Large documents amplify every other issue: polling overhead, rate limits, and orchestration complexity.
Issue #5: Unpredictable file failures
Some files just… fail.
No clear pattern. No useful error messages.
Examples I’ve hit in production:
- PDFs that open fine everywhere → “corrupted”
- Images that render correctly → “invalid format”
- Barcode extraction failing entire documents
- Encrypted PDFs failing even after unlocking
Error messages are typically:
“An unexpected error occurred”
Which is about as actionable as it sounds.
The cost of workarounds
To survive in production you end up building:
- Feature-flag retries (wasting requests)

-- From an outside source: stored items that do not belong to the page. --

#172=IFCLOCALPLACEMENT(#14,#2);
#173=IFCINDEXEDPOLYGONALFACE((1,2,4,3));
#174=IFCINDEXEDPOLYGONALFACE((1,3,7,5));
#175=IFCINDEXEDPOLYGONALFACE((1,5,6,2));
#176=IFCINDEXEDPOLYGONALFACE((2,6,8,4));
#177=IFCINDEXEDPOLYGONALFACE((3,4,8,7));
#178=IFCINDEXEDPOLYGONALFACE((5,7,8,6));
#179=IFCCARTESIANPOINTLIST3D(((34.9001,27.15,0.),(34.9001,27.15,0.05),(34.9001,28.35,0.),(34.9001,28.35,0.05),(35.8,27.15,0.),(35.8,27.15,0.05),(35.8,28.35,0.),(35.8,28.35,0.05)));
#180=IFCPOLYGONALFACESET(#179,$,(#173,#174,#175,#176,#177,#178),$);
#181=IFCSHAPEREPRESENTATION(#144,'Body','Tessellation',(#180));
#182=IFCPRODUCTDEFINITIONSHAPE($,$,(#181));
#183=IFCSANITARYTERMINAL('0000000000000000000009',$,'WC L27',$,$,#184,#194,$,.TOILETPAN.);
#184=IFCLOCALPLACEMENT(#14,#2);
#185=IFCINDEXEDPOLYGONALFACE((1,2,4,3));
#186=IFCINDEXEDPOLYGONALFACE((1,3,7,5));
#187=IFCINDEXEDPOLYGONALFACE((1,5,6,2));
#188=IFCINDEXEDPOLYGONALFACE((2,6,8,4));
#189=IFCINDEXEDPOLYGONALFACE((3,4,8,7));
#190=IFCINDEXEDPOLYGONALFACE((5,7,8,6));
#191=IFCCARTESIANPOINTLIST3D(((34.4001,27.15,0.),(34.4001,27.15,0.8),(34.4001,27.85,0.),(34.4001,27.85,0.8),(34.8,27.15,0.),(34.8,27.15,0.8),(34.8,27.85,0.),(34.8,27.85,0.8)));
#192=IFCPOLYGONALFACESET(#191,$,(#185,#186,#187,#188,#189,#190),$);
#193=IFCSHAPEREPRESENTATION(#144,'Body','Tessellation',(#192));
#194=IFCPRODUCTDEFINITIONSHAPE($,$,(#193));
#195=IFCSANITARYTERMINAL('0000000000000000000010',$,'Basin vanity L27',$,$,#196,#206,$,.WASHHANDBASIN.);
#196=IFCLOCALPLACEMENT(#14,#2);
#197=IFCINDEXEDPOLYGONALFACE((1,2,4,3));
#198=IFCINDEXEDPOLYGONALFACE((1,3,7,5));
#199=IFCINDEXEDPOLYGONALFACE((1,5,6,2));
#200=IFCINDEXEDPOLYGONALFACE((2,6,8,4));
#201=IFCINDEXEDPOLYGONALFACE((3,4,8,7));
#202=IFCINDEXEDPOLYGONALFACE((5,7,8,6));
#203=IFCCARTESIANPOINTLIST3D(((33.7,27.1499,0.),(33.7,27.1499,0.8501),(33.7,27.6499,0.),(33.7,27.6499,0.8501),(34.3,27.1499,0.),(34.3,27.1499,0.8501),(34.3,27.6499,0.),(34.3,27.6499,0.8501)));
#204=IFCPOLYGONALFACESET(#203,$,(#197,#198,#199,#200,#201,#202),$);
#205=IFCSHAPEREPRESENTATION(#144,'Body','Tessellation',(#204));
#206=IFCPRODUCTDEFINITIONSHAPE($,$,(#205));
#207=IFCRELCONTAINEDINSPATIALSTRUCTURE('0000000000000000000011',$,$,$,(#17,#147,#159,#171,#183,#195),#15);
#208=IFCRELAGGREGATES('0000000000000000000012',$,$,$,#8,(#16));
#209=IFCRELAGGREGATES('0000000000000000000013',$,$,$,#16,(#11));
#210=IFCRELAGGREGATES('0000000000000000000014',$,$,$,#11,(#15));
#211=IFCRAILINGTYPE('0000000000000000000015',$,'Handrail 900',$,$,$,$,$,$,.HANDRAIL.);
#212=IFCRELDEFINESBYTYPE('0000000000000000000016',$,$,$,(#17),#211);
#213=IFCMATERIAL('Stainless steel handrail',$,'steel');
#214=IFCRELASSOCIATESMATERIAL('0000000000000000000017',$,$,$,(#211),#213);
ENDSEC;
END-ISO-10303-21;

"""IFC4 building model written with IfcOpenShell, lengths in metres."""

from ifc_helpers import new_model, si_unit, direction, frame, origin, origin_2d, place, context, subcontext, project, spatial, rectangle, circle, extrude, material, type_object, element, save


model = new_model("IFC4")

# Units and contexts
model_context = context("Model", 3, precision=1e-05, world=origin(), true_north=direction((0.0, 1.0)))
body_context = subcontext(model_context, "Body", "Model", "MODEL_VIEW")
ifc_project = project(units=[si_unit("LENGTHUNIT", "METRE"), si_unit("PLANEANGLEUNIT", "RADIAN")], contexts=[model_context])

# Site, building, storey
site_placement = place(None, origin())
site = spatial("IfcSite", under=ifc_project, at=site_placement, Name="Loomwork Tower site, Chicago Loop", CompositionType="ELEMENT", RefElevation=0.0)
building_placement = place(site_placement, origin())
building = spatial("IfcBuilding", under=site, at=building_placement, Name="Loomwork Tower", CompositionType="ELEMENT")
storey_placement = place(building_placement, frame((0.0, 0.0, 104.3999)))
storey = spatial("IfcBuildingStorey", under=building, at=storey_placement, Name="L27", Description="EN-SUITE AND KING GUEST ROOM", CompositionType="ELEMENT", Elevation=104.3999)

- PDF repair pipelines (Ghostscript, Poppler, ImageMagick)
- Image re-encoding and metadata stripping
- Fallback processing paths
All of this adds latency, cost, and complexity — and none of it is predictable.
To be fair: document processing is hard. These issues aren’t unique to Azure. But Azure gives you very little visibility into why something failed.
Smaller (but painful) issues
A few things that don’t break systems, but slowly drain your sanity:
- Pricing opacity: Pricing is per-page and feature-based, but responses don’t include cost information. If you want accurate accounting, you have to track it yourself.
- Studio vs API mismatches: “It works in the Studio” often does not mean it works via API. Different defaults, versions, and parameters lead to misleading POCs.
- Breaking SDK changes: API and SDK upgrades regularly introduce breaking changes, forcing codebase-wide migrations and accuracy re-validation.
Who Azure Document Intelligence is good for
Despite all this, it can be the right tool if:
- Your volumes are low
- Latency isn’t critical
- Documents are small and simple
- You’re deeply embedded in Azure
- You have strong internal platform teams
Just go in knowing what you’ll need to build around it.
Final thoughts
This isn’t meant to bash Azure. It’s a powerful platform with serious engineering behind it.
But once you operate at scale, many of the hardest problems aren’t accuracy — they’re architecture, limits, and operational complexity.
If you’re evaluating OCR vendors, these trade-offs matter before you’re locked in.
I wish I’d seen a post like this earlier.